I woke up this morning with the news still full of the murder of David Amess.  This was not the only account of divisions in society.  There was also much about the ever expanding proliferation of hate mail on the internet, and how the algorithms used by social media amplifies it, keeping people bound by their prejudices.

There can only be one response to all this.  The statement issued by Sir David’s family says it all: ‘We ask people to set aside their differences and show kindness and love to all.
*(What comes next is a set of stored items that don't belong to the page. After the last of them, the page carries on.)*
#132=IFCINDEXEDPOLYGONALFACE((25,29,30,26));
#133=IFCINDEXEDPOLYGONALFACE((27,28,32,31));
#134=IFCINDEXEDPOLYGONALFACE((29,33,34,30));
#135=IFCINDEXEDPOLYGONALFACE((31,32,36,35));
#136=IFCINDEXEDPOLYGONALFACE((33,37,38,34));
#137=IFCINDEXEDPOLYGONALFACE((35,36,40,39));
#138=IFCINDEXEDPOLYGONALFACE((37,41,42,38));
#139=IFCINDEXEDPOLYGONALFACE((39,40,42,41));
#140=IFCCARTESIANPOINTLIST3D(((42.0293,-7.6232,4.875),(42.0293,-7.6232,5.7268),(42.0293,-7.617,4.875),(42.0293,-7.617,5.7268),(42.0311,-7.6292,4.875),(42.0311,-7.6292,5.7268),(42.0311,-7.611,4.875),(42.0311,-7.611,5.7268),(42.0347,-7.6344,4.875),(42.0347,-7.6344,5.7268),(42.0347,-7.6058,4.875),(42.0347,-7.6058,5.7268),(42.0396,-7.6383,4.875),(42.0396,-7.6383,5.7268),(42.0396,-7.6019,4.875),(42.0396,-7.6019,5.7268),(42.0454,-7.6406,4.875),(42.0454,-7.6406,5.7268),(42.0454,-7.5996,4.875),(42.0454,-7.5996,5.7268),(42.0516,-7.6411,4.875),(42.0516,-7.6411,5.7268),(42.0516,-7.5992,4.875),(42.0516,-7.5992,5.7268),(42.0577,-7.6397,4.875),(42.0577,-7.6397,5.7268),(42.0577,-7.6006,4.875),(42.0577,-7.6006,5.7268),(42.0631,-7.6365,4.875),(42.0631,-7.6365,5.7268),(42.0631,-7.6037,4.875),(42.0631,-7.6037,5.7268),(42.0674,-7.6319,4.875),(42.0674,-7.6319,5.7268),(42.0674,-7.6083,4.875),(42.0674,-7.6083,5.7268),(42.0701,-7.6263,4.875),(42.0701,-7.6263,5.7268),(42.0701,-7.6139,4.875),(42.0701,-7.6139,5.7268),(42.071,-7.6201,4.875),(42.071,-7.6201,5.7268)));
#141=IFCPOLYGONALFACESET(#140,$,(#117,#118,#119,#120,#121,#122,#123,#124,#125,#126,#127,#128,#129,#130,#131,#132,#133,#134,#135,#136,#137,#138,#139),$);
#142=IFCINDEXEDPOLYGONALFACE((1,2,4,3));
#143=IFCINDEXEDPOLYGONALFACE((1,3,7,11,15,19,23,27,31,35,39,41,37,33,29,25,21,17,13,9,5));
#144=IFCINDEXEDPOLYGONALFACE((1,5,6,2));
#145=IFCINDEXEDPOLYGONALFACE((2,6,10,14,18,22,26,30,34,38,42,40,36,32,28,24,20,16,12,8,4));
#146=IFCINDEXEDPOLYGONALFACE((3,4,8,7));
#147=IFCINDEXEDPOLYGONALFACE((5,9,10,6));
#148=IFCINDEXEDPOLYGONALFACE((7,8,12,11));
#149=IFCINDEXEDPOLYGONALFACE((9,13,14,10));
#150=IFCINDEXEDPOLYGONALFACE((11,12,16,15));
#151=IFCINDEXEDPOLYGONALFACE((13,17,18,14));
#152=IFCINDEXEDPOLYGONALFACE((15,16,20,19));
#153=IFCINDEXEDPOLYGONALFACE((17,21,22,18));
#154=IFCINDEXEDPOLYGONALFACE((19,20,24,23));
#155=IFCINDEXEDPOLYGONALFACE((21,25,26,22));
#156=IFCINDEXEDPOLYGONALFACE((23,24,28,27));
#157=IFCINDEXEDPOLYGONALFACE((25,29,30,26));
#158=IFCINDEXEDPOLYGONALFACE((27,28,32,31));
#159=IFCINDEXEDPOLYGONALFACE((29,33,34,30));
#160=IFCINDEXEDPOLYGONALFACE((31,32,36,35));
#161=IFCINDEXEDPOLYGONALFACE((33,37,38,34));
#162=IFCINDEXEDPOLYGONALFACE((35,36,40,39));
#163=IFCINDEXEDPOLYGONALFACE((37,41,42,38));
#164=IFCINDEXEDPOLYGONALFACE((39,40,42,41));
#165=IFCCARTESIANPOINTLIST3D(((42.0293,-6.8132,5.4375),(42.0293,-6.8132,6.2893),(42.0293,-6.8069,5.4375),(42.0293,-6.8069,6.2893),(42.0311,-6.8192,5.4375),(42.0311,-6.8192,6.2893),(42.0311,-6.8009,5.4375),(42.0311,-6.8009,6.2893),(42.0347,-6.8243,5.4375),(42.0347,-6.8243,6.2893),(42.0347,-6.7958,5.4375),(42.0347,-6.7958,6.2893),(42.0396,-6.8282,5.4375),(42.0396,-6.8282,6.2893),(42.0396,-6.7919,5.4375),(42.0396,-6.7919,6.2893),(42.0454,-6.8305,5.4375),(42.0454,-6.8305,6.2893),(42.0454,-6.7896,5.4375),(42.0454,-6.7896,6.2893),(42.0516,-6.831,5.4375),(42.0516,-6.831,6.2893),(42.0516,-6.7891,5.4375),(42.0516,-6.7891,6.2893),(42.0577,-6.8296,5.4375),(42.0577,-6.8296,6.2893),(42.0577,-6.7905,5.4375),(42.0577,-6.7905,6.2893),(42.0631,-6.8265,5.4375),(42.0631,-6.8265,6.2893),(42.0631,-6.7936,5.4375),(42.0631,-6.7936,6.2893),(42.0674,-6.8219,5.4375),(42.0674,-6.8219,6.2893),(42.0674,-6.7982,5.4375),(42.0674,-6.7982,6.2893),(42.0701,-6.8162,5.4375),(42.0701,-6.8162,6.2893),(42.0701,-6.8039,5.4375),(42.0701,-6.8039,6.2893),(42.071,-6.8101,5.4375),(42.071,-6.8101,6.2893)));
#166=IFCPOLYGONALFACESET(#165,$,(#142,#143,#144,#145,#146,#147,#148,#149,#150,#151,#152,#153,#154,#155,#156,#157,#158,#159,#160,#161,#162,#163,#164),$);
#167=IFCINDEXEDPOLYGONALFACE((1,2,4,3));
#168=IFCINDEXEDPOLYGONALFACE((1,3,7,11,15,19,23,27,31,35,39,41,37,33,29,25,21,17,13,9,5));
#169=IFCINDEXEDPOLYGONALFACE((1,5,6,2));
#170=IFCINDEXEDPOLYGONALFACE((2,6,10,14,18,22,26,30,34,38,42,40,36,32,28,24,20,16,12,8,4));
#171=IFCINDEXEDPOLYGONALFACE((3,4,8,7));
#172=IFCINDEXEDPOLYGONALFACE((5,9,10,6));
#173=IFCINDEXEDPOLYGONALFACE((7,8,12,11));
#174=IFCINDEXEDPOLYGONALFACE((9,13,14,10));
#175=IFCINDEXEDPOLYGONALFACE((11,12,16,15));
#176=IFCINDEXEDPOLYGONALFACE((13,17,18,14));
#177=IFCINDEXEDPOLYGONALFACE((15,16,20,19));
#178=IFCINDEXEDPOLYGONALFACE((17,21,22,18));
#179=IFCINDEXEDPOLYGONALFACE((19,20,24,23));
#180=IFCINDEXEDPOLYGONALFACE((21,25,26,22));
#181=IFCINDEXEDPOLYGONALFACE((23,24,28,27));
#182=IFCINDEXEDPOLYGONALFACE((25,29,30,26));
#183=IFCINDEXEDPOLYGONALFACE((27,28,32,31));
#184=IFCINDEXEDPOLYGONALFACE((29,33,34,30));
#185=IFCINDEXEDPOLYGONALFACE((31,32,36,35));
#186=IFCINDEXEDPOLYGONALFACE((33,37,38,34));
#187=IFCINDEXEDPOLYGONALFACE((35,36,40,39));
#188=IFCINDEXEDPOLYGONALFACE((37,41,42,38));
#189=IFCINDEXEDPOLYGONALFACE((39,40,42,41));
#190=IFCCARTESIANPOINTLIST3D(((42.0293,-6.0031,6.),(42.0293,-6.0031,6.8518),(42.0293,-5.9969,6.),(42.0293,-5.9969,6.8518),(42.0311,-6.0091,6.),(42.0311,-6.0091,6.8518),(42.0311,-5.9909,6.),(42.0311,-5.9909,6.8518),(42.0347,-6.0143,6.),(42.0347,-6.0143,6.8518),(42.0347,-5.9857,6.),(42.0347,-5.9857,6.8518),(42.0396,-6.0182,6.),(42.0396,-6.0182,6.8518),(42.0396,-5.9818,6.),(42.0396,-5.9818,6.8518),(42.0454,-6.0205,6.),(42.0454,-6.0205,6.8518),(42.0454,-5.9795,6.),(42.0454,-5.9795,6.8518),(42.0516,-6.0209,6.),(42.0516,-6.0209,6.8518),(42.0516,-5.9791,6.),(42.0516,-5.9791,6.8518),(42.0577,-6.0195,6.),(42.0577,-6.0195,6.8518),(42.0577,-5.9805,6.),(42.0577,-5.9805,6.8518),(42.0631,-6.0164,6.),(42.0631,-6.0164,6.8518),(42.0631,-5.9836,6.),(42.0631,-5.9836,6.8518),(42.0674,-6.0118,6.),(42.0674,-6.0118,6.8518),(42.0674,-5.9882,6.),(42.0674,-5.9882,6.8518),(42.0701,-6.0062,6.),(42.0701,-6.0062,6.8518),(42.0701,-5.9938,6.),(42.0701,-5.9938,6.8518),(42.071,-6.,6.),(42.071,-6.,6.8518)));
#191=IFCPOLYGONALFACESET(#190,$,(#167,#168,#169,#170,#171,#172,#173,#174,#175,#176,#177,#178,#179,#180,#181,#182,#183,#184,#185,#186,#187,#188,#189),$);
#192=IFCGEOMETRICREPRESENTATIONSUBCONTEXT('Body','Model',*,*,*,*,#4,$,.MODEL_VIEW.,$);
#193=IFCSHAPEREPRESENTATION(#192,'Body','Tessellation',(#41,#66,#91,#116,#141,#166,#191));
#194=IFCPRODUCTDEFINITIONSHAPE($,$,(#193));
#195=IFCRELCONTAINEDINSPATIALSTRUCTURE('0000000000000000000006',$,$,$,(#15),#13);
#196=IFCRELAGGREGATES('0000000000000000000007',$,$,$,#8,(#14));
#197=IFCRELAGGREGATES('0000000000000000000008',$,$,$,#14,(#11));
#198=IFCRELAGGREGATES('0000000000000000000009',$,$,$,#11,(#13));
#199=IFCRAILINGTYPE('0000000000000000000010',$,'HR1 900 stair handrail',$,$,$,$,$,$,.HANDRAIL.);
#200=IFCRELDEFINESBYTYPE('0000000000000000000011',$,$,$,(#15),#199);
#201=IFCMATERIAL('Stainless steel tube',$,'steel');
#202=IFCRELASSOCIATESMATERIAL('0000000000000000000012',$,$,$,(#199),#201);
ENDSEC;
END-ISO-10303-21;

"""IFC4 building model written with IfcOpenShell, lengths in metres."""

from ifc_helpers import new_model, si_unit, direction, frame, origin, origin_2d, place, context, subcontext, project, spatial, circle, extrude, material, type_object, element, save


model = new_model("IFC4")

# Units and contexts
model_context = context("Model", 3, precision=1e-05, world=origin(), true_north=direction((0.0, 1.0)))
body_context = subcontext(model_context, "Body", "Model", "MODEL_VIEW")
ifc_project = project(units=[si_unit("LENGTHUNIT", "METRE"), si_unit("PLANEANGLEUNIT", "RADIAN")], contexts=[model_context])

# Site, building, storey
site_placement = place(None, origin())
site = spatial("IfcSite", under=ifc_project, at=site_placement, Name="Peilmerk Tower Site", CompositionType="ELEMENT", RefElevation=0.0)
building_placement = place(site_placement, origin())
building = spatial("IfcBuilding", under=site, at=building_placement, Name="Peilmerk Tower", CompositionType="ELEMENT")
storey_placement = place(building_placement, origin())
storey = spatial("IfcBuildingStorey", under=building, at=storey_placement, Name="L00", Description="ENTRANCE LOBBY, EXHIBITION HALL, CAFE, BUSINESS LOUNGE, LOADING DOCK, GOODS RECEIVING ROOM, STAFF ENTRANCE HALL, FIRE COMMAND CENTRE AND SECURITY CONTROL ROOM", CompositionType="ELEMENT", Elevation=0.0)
Please let some good come from this tragedy.’

The kind of thinking that led to the death of Davis Amess has always been with us in one form or another. ‘People are made for each other.’ was Marcus Aurelius's response to this kind of thinking in his own day.


It’s spelt out in a quotation from the Dalai Lama that we have stuck on the fridge at home: ‘My religion is simple.  My religion is kindness.  Love and compassion are necessities not luxuries.  Without them humanity cannot survive.’

All the very best, William

This week's reflection


In a state of separation it is extremely difficult to give and to receive.  We are bound within a confine of our own making. 

All that we share in these emails is devoted to opening the heart and mind to a possibility, the possibility of a life lived in the spirit of love where every encounter we have with life may be looked upon as an opportunity to practise the law of love.  It is a life in which our fundamental ambition is to seek a greater opportunity for love’s expression - remembering always that it is not the greatness of the deed that counts but the spirit in which it's offered.  There is one requirement in all this, an awareness of the need, not our need, but what events demand of us.  Love is not love when it places on the situation a personal demand.

If we hold ourselves as an individual to be all important, then that which the individual values - namely his own separate existence - must rule our experience of life.  This is, inevitably, a life of separation and division.  On one side lies Me and on the other lies The Rest, and our actions must be entirely ruled by this fundamental divide.  It's full of personal desire and frustration, full of ideas about me and mine, and on every situation is inevitably placed a personal requirement.

All this not only has the effect of cutting us off from a full and proper appreciation of the world around us but also from the divine qualities that lie within us.  These divine qualities have their peculiar expression, and we are the only ones that can express them in our own peculiar way, but they are by nature universal, and, paradoxically, it is only by giving up the personal, that the universal can come to imbue the personal with all its magnificent qualities.  To rise out of a state of separation and to unite with those divine principles of beauty, love and joy, we must firstly accept they exist, deliberately bring them to mind, seek out evidence of their presence, and, in the process of embracing the universal, abandon petty and selfish concerns.

With thoughts of these principles constantly in mind, look again and again at what is presenting itself now.  When we love something we can’t help but serve it.  Likewise, when we offer selfless service, love must follow from it.

Love is the gift of oneself, and in giving we receive.  Love is the true price of love, and therefore if we wish to receive love we must first find a way to give it.

Each of us has our own personal way of making our offering.  Seek it out.  And having found the opportunity pay for it with love, for love is the price of love.  When one opportunity has come, many may follow after.  This is to discover the abundance of life, for in giving we receive.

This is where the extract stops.